Blood from disease survivors has been used as a treatment throughout history—from polio-infected horses in the 1930s to former Ebola patients in 2014. “There is a long-lasting rationale for the use of convalescent plasma against any infectious disease,” Cortegiani says. One problem, however, is that scientists do not know whether people develop strong immunity against SARS-CoV-2. And it is not easy to collect plasma containing enough antibodies, he adds. Another issue is the shortage of eligible donors. Some companies are looking into ways to produce these antibodies artificially. In the meantime, a number of hospitals are searching for volunteers to donate plasma.

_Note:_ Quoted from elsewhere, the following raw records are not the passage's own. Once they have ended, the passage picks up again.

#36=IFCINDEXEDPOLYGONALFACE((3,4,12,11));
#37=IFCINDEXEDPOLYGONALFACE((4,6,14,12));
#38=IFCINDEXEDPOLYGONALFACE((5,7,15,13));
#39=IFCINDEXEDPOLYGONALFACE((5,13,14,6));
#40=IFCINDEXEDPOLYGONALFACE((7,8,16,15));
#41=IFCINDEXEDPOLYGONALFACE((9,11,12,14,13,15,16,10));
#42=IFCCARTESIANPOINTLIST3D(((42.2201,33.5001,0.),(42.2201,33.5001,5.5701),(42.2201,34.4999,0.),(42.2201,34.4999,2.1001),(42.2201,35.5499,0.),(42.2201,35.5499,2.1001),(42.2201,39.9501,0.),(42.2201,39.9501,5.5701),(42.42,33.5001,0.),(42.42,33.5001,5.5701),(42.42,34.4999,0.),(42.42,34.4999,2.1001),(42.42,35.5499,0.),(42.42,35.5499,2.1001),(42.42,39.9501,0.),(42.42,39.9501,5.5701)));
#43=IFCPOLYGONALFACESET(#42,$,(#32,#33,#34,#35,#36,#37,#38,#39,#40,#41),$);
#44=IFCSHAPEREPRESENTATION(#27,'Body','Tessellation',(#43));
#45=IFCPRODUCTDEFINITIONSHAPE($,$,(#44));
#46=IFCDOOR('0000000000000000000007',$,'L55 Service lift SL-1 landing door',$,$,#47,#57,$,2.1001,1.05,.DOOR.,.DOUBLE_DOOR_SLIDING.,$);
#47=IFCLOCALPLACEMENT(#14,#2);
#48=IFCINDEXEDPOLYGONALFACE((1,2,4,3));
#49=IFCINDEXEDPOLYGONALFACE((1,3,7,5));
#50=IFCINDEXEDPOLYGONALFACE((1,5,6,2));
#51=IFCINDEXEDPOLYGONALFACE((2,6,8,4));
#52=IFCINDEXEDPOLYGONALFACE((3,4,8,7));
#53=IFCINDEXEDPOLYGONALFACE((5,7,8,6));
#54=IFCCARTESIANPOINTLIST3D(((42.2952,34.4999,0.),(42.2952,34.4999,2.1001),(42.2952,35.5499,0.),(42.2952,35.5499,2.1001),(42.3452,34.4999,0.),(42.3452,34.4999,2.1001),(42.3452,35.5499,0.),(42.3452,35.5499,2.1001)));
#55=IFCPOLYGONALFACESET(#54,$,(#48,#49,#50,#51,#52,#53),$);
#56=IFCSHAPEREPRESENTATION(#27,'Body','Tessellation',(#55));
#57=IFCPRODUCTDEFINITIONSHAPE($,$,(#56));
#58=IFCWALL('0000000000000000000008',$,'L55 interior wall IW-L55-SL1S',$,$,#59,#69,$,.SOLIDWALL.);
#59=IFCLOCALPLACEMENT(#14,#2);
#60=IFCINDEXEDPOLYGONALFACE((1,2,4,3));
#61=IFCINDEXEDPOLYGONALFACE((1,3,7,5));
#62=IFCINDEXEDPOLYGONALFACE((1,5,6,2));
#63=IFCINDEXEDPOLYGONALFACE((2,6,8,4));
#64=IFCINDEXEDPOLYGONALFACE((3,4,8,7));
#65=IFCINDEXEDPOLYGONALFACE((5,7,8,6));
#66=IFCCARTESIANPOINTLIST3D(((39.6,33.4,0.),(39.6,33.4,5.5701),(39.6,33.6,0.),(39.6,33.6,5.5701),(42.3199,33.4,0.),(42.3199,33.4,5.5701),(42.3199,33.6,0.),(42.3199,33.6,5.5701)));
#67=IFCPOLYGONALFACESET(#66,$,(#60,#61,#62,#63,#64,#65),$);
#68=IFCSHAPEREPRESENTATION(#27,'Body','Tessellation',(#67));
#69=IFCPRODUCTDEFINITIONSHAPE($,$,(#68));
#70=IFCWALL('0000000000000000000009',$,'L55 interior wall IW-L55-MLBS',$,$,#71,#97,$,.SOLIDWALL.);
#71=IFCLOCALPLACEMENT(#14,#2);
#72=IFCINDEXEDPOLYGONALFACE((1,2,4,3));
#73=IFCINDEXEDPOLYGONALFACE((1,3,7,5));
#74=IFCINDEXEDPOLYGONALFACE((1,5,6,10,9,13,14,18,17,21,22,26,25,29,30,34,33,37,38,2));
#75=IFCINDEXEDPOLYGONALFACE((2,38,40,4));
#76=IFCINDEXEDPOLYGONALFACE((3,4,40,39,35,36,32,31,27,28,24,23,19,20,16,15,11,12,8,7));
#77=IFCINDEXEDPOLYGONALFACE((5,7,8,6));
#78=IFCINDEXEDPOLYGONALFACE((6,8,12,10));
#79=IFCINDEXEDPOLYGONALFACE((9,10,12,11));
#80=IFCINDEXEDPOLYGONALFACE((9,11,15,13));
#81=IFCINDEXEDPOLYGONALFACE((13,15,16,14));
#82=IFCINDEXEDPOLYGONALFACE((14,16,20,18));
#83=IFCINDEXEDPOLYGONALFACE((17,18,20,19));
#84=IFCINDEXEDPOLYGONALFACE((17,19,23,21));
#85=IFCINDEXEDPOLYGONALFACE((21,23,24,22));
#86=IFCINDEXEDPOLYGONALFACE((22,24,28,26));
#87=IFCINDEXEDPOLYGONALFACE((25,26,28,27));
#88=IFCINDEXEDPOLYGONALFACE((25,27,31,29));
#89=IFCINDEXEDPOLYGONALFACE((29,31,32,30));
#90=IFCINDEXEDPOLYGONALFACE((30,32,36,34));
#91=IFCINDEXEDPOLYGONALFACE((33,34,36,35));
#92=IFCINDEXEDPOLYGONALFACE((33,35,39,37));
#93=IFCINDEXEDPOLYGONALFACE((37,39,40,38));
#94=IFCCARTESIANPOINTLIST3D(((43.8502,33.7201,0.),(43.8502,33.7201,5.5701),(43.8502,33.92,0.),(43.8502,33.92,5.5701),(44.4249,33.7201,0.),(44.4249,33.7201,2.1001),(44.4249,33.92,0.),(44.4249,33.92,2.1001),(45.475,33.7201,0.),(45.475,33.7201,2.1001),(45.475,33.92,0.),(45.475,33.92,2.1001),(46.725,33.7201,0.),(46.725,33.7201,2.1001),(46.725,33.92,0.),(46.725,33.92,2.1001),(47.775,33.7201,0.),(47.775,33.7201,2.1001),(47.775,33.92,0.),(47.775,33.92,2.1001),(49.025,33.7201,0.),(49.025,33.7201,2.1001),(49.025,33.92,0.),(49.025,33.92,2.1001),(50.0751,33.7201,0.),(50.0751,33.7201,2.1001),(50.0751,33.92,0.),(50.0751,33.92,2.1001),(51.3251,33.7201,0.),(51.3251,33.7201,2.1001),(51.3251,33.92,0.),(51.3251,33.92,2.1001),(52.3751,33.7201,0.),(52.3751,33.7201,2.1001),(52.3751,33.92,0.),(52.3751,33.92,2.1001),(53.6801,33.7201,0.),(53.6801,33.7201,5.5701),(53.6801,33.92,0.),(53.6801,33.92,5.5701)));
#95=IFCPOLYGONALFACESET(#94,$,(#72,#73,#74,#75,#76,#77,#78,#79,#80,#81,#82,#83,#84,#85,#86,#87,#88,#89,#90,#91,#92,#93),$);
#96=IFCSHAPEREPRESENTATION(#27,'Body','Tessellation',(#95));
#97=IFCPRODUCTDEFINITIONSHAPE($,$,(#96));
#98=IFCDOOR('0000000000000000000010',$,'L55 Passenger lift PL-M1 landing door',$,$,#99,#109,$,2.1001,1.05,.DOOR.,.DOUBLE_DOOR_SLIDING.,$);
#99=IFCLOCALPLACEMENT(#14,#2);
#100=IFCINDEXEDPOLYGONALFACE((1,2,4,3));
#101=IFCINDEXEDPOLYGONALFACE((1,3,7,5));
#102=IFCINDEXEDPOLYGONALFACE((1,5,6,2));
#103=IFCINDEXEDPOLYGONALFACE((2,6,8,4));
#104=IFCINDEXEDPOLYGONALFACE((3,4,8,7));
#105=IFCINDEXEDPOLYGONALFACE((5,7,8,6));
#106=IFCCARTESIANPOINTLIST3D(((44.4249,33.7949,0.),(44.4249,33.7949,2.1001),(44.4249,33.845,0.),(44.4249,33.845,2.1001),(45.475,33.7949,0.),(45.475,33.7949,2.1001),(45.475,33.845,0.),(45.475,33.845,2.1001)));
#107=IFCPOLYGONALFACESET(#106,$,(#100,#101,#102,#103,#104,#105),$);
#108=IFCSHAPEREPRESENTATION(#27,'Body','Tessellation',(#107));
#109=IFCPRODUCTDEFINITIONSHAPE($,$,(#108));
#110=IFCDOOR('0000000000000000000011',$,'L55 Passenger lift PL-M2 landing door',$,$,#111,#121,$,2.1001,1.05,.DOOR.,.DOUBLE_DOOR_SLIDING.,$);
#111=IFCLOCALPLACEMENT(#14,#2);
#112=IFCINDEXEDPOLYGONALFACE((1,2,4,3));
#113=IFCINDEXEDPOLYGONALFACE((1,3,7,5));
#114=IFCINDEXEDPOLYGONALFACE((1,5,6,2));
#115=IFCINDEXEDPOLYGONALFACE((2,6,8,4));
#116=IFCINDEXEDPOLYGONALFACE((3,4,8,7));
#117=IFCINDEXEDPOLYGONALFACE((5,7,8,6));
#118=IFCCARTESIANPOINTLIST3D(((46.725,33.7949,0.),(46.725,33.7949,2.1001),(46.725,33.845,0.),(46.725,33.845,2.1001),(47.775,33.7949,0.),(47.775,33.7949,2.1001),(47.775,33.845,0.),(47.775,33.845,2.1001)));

None of the therapies described above have yet been proved to treat COVID-19. But some answers can be expected in the next few weeks and months as the results of clinical trials emerge. Until then, Cortegiani says, “we cannot say, ‘This drug is more promising than the other one.’ We can only say, ‘There is a rationale for it.’”

Read more about the coronavirus outbreak here.

Editor’s Note (5/22/20): This article has been edited after posting to include an update concerning the withdrawal of a controversial preprint study of hydroxychloroquine. The text had previously been amended on April 29 to add a reference to an announcement of phase 3 trial results for remdesivir and on April 24 to include an update concerning an FDA warning about possible heart complications from hydroxychloroquine and chloroquine. And a correction of Maryam Keshtkar-Jahromi’s comments about her concerns with chloroquine and hydroxychloroquine was made on April 16.